Bookmark and Share

Notice: On March 31, it was announced that Statalist is moving from an email list to a forum. The old list will shut down at the end of May, and its replacement, statalist.org is already up and running.


[Date Prev][Date Next][Thread Prev][Thread Next][Date Index][Thread Index]

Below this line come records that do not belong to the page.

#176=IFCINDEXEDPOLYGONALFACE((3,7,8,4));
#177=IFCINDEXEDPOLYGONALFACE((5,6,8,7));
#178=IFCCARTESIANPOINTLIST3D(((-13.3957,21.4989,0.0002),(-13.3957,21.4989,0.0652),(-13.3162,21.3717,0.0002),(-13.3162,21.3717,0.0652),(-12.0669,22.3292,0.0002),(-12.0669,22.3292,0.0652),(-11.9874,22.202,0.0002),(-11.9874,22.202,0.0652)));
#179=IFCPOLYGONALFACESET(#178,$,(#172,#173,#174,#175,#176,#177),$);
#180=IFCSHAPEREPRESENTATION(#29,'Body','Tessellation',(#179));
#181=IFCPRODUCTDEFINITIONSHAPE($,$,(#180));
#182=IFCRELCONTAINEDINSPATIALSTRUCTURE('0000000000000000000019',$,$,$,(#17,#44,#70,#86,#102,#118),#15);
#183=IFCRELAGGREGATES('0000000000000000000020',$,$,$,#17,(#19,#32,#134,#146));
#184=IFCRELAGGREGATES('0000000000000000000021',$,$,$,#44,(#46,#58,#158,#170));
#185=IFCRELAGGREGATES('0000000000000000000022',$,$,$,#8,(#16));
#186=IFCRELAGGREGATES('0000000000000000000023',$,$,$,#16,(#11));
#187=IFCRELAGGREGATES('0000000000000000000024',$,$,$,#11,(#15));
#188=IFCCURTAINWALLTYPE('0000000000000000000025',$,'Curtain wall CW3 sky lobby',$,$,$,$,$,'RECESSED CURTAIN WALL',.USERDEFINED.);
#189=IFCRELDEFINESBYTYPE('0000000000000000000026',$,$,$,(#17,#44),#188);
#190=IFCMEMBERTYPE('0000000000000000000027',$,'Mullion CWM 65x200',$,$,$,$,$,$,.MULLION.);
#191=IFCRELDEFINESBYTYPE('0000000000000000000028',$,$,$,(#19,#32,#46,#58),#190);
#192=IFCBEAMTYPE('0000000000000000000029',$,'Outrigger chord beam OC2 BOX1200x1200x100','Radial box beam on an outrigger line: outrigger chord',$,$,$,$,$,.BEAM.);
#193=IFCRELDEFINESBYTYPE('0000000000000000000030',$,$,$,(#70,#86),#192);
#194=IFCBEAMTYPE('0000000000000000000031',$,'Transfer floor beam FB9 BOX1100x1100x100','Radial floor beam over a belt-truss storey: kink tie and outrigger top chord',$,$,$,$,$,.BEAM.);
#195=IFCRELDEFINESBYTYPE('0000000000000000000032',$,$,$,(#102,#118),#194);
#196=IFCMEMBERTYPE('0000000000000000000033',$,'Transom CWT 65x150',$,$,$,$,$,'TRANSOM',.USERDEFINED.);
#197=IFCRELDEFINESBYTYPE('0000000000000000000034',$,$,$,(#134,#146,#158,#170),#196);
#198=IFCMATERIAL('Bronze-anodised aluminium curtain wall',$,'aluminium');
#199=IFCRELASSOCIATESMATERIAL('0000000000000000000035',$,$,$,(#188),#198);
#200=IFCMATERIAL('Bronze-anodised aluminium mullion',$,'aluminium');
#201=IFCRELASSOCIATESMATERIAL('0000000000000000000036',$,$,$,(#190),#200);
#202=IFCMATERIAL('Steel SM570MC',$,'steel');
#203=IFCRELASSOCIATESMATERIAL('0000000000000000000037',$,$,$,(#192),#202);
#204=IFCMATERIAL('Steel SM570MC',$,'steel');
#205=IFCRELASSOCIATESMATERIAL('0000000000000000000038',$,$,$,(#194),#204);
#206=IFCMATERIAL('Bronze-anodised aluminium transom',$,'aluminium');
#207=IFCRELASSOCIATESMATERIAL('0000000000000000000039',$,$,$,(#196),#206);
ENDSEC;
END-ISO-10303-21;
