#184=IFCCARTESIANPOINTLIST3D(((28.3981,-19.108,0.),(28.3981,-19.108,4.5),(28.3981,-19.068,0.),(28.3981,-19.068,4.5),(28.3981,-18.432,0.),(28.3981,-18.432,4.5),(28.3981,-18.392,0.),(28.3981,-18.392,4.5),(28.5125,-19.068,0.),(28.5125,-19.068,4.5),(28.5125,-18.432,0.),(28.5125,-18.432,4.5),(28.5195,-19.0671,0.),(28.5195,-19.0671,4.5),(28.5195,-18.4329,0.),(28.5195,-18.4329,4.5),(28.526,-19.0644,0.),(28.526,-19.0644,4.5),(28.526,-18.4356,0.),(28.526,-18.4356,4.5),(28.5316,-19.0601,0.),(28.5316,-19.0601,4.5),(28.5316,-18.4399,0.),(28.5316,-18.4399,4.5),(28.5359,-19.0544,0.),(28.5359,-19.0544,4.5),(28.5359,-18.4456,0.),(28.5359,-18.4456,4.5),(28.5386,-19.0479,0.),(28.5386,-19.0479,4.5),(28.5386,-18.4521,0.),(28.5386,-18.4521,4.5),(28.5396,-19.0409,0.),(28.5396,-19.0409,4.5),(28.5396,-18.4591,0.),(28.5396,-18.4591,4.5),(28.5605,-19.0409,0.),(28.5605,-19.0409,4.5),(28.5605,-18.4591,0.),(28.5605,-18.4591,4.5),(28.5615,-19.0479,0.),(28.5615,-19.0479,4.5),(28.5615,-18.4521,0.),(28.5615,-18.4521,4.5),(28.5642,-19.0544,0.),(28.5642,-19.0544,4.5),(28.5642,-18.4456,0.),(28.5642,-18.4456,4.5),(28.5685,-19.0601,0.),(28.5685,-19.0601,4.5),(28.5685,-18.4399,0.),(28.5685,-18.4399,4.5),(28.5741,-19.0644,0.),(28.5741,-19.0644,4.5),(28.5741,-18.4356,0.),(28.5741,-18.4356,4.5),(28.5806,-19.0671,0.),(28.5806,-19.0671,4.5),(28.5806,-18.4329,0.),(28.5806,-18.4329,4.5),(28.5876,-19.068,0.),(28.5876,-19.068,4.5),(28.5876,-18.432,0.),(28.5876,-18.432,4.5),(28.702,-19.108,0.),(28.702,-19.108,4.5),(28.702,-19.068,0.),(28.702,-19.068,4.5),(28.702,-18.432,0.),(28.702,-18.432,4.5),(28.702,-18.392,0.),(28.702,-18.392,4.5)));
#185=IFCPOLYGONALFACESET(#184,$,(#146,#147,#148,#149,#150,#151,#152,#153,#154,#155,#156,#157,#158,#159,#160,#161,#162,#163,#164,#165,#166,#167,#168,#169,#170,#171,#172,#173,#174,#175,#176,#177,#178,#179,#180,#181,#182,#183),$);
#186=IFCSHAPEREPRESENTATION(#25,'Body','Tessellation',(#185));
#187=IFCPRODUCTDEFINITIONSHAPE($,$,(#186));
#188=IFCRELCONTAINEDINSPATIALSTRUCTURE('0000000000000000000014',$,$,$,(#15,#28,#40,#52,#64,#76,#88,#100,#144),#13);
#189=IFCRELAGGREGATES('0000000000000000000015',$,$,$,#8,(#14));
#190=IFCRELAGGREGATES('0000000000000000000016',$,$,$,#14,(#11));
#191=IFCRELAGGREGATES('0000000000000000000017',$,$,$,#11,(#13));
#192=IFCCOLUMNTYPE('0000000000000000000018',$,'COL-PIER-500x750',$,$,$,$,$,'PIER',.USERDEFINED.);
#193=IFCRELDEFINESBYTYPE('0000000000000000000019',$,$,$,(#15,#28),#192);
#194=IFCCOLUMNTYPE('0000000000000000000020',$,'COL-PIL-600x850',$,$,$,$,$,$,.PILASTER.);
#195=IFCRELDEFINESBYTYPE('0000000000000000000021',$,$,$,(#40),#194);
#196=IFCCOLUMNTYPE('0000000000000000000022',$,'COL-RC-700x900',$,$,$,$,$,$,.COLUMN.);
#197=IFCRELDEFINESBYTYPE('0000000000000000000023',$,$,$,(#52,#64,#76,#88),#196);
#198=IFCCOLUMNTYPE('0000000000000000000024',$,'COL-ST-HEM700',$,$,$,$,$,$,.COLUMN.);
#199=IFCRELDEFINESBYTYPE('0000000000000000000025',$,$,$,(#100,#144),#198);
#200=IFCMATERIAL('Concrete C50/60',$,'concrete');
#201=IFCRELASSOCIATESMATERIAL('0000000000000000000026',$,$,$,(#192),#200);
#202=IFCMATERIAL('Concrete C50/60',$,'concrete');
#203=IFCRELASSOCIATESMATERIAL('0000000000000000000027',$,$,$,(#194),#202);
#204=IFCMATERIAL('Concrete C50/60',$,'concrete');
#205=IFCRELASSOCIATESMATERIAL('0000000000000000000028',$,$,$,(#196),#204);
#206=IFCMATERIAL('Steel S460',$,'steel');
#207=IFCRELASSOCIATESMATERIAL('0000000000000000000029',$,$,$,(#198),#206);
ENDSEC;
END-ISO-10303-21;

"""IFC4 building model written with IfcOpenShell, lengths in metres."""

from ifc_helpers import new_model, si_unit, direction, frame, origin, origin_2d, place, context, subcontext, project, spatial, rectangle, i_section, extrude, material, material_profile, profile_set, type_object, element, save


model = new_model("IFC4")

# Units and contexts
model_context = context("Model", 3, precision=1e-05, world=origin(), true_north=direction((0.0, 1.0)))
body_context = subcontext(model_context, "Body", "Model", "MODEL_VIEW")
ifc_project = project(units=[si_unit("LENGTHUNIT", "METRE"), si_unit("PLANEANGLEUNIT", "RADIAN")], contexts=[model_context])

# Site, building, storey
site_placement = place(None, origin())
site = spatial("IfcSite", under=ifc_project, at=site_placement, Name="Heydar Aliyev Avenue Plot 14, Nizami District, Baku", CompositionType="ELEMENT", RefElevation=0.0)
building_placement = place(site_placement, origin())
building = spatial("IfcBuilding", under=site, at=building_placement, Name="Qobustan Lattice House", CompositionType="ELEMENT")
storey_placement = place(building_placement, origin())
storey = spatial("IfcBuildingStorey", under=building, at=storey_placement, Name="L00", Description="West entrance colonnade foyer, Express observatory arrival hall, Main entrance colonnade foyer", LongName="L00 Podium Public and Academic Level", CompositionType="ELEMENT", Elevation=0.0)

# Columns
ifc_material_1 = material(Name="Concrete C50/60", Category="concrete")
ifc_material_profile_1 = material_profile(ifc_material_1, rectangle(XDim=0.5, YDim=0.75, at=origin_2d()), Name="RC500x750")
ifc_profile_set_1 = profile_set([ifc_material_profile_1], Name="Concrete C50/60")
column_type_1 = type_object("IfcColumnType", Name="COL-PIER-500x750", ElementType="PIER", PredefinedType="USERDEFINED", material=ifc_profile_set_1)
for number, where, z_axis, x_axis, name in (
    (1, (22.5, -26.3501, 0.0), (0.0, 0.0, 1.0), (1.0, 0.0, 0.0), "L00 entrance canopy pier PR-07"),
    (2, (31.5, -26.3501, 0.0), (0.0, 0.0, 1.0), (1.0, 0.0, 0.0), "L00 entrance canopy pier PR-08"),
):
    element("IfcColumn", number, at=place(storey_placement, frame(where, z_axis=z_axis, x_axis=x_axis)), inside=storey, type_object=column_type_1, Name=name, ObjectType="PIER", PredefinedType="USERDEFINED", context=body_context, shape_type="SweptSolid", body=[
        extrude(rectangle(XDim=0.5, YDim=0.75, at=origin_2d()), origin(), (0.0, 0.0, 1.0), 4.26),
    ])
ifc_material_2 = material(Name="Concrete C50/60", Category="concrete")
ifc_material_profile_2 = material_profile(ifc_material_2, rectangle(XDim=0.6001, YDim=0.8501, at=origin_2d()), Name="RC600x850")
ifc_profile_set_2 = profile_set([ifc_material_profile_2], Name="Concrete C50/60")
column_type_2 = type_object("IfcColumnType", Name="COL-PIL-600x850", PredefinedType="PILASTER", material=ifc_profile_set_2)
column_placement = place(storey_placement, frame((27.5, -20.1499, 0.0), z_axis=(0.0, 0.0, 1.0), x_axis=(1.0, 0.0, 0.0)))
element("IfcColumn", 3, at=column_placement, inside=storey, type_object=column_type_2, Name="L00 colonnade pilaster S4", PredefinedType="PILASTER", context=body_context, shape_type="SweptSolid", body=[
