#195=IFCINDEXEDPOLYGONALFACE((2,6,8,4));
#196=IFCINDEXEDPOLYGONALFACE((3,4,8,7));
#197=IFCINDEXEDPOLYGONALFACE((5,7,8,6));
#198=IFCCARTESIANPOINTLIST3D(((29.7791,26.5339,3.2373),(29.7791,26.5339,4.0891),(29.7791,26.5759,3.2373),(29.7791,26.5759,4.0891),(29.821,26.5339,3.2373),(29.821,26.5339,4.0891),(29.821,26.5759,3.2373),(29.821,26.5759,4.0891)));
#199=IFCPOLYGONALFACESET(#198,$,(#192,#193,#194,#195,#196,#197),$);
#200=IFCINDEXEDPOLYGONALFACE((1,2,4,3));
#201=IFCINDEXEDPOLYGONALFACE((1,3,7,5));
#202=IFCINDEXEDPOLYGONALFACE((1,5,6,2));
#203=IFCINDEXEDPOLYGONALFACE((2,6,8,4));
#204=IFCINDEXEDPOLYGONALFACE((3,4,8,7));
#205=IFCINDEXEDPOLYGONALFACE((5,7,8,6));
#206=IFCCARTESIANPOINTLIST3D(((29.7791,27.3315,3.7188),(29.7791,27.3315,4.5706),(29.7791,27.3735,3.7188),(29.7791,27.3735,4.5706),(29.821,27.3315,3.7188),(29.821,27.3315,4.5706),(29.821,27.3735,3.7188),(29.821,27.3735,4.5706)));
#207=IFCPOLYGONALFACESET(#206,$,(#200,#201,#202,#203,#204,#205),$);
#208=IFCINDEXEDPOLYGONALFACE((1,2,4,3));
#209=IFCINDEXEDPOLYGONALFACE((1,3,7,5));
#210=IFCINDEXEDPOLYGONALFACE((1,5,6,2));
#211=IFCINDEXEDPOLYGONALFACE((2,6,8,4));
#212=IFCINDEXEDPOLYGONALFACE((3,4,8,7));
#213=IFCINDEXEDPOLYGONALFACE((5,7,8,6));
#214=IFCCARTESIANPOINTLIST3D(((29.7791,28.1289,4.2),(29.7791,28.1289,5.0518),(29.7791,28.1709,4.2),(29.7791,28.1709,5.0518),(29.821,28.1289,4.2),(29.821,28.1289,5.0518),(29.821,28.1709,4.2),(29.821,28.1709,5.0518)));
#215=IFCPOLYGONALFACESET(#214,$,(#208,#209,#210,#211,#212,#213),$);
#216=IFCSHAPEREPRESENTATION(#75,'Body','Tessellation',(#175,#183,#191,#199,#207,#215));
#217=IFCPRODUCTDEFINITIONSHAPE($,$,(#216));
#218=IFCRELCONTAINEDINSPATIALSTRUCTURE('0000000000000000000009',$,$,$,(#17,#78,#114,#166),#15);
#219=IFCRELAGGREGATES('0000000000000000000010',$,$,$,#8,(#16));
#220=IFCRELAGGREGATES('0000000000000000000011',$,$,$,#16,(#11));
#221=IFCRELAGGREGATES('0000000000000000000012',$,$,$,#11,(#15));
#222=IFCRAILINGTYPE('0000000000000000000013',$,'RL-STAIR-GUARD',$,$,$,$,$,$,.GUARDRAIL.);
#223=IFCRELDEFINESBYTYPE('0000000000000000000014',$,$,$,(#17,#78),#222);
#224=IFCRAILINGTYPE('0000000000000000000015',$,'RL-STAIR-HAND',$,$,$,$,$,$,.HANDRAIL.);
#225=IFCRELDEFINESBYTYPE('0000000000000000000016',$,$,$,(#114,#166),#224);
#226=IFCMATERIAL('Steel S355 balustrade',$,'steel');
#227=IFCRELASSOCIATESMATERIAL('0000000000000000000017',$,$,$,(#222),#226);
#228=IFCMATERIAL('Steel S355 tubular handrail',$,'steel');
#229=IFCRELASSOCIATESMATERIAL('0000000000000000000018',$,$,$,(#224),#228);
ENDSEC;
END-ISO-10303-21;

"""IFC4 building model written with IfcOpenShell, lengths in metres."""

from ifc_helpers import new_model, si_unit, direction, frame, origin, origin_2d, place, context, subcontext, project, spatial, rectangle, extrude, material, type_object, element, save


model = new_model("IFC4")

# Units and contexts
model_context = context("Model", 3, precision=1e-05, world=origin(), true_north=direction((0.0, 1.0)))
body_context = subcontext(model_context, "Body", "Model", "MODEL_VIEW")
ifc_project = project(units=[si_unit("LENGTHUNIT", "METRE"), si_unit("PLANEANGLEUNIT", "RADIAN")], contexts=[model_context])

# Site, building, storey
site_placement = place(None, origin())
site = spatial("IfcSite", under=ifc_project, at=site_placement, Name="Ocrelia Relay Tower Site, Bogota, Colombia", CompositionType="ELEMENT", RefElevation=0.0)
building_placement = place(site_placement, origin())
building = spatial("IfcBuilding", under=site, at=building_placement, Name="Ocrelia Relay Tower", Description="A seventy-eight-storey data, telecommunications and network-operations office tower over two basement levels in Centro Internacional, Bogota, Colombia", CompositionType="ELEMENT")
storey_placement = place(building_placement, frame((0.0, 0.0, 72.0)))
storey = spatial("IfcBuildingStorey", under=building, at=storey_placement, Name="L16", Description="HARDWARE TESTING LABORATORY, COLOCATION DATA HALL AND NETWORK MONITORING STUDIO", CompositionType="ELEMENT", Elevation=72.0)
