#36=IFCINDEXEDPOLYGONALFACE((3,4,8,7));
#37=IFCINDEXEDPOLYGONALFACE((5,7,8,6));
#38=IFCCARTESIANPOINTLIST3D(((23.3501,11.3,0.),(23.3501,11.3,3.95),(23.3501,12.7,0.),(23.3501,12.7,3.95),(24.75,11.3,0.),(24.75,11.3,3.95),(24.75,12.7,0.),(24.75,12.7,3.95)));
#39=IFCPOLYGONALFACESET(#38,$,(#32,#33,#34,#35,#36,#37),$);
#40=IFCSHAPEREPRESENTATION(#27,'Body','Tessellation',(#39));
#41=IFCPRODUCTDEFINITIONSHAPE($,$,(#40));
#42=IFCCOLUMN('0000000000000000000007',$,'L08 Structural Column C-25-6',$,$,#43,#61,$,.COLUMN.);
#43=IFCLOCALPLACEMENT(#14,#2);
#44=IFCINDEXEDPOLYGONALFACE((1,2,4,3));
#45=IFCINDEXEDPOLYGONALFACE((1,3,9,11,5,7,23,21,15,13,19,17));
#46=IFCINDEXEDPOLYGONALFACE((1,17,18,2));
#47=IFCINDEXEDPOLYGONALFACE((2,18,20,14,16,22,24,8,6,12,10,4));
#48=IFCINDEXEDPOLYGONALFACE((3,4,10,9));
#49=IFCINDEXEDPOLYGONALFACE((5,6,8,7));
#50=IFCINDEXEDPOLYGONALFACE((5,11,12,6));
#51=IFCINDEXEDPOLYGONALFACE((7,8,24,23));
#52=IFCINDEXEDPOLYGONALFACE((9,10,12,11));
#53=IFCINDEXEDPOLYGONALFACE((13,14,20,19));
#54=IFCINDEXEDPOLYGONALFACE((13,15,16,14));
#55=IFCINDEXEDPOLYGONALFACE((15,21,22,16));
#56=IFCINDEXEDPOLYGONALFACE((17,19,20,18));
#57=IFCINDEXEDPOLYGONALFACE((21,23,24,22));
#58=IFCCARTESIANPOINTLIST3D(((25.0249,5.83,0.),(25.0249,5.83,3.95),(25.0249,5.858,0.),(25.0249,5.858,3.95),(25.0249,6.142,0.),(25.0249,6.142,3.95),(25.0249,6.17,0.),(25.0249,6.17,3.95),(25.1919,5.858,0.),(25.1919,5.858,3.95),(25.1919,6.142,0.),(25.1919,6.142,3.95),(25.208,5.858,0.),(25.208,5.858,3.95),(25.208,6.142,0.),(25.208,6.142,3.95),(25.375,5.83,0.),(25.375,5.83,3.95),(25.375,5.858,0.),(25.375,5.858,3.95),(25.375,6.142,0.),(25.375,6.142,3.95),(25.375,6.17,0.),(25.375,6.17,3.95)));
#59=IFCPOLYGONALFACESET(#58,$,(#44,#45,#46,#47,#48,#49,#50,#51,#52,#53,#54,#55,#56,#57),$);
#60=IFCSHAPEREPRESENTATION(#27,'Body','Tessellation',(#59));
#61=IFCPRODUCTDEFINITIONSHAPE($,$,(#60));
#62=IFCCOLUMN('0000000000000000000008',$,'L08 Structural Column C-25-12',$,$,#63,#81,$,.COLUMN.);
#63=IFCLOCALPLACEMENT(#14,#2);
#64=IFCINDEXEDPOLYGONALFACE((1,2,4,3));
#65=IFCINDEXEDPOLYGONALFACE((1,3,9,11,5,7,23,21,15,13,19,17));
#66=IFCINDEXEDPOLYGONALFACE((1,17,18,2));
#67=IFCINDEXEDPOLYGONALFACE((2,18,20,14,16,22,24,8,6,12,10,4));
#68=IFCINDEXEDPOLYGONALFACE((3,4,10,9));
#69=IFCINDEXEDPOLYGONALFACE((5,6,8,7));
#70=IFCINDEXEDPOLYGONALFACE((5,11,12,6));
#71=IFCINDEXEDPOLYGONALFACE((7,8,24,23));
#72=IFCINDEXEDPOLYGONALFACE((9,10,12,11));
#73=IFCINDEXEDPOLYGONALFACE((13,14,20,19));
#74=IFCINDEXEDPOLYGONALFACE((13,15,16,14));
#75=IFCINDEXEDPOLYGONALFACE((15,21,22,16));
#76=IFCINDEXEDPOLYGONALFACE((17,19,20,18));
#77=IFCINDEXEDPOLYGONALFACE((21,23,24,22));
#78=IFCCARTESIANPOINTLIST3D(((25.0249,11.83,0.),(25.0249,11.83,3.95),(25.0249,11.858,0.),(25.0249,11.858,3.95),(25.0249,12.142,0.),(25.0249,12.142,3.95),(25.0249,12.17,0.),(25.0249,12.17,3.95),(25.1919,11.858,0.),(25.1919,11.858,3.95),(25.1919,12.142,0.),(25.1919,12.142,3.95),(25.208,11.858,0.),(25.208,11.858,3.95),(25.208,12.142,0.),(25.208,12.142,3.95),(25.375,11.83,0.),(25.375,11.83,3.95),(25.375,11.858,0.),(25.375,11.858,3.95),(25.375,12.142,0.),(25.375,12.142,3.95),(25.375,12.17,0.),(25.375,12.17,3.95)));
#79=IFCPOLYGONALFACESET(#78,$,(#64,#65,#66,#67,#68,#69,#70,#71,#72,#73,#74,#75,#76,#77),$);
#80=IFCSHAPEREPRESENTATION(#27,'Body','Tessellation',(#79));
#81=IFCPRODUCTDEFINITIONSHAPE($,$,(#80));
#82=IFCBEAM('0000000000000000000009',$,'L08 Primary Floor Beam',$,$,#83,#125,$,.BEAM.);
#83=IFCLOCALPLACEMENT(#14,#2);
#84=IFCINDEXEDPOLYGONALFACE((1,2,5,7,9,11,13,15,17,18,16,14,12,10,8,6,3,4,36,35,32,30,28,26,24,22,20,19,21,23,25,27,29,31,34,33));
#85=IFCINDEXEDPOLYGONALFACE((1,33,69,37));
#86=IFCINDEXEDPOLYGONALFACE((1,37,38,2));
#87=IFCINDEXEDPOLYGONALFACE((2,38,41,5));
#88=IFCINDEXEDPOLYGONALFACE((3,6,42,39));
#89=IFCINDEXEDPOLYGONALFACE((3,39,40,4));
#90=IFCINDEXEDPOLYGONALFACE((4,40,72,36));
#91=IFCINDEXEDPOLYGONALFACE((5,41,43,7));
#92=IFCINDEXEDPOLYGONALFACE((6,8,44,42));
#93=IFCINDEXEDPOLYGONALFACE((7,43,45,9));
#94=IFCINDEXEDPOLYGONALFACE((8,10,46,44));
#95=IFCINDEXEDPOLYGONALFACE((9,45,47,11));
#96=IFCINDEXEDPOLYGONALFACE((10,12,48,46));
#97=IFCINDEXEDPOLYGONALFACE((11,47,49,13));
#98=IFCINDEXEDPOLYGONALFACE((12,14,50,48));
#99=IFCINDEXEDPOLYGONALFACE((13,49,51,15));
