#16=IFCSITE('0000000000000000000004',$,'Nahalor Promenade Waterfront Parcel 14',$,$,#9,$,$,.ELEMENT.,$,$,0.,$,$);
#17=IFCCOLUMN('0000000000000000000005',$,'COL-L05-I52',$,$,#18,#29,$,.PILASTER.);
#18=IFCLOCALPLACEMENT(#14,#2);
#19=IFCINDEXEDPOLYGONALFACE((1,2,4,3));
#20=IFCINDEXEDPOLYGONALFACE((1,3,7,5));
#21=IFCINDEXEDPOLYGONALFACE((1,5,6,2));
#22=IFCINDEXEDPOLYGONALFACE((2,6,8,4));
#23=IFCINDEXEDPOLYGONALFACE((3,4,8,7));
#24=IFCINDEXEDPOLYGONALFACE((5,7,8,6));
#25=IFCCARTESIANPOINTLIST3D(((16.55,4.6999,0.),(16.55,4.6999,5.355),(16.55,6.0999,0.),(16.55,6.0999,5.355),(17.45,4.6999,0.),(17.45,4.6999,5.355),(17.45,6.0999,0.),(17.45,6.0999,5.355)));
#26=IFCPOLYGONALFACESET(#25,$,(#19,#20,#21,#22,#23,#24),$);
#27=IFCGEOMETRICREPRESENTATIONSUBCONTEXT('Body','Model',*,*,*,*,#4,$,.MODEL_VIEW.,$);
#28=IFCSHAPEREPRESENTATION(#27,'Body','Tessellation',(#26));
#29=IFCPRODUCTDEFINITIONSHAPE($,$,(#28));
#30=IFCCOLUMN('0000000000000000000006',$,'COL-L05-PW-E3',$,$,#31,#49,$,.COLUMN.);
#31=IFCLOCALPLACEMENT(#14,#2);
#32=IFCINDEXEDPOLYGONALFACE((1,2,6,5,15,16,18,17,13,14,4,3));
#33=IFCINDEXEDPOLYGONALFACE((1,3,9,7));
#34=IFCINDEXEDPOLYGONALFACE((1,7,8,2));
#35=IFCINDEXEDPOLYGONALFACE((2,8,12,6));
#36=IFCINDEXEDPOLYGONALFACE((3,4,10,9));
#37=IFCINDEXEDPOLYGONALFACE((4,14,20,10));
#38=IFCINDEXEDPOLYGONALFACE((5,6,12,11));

st: SQ-Ados sequence analysis: problems in clustering


From   "BUSSI, Margherita" <mbussi@etui.org>
To   "'statalist@hsphsun2.harvard.edu'" <statalist@hsphsun2.harvard.edu>
Subject   st: SQ-Ados sequence analysis: problems in clustering
Date   Thu, 11 Apr 2013 15:48:47 +0000

Dear Stata-users,

I've encountered some problem while running an optimal matching analysis on dataset counting 3700 observations (24 periods = in long format 88800 person-period). There are no gaps in sequences.
My sequence variable is labour market position it counts 8 values 

define lm 1 "employed" ///
            2 "self-employed" ///
            3 "unempl" ///
            4 "stage attente" ///
            5 "unempl after studies" ///
            6 "education" ///
            7 "social assis" ///
            8 "other" 
label values lm lm

I've sqset(ed) the data set and did that 

sqset lm pid order
sqom, subcost(minprobdistance)
sqclustermat wardslinkage SQdist, name(wards) add

then an error message appears saying

/dissimilarity matrix:  too many specified

I know that  Christian Brzinsky-Fay et al (2006) say that: "There is one trap in applying the clustermat command to the dissimilarity matrix
created by sqom, which stems from the fact that the sequence data and the dissimilarity matrix have different dimensions. .
The dissimilarity matrix cannot be attached to the sequence data on a row-by-row basis, which also applies to the results
from the cluster analysis of the dissimilarity matrix. The SQ-Ados therefore contain a command that helps to link the results of the user-specified clustermat command to the original sequence data. Its syntax is

. sqclusterdat
. clustermat wardslinkage SQdist, name(wards) add
. clustermat singlelinkage SQdist, name(single) add
. cluster tree wards, cutnumber(20)
. sqclusterdat, return

But even applying this syntax, it says that the matrix does not fit the sequence data.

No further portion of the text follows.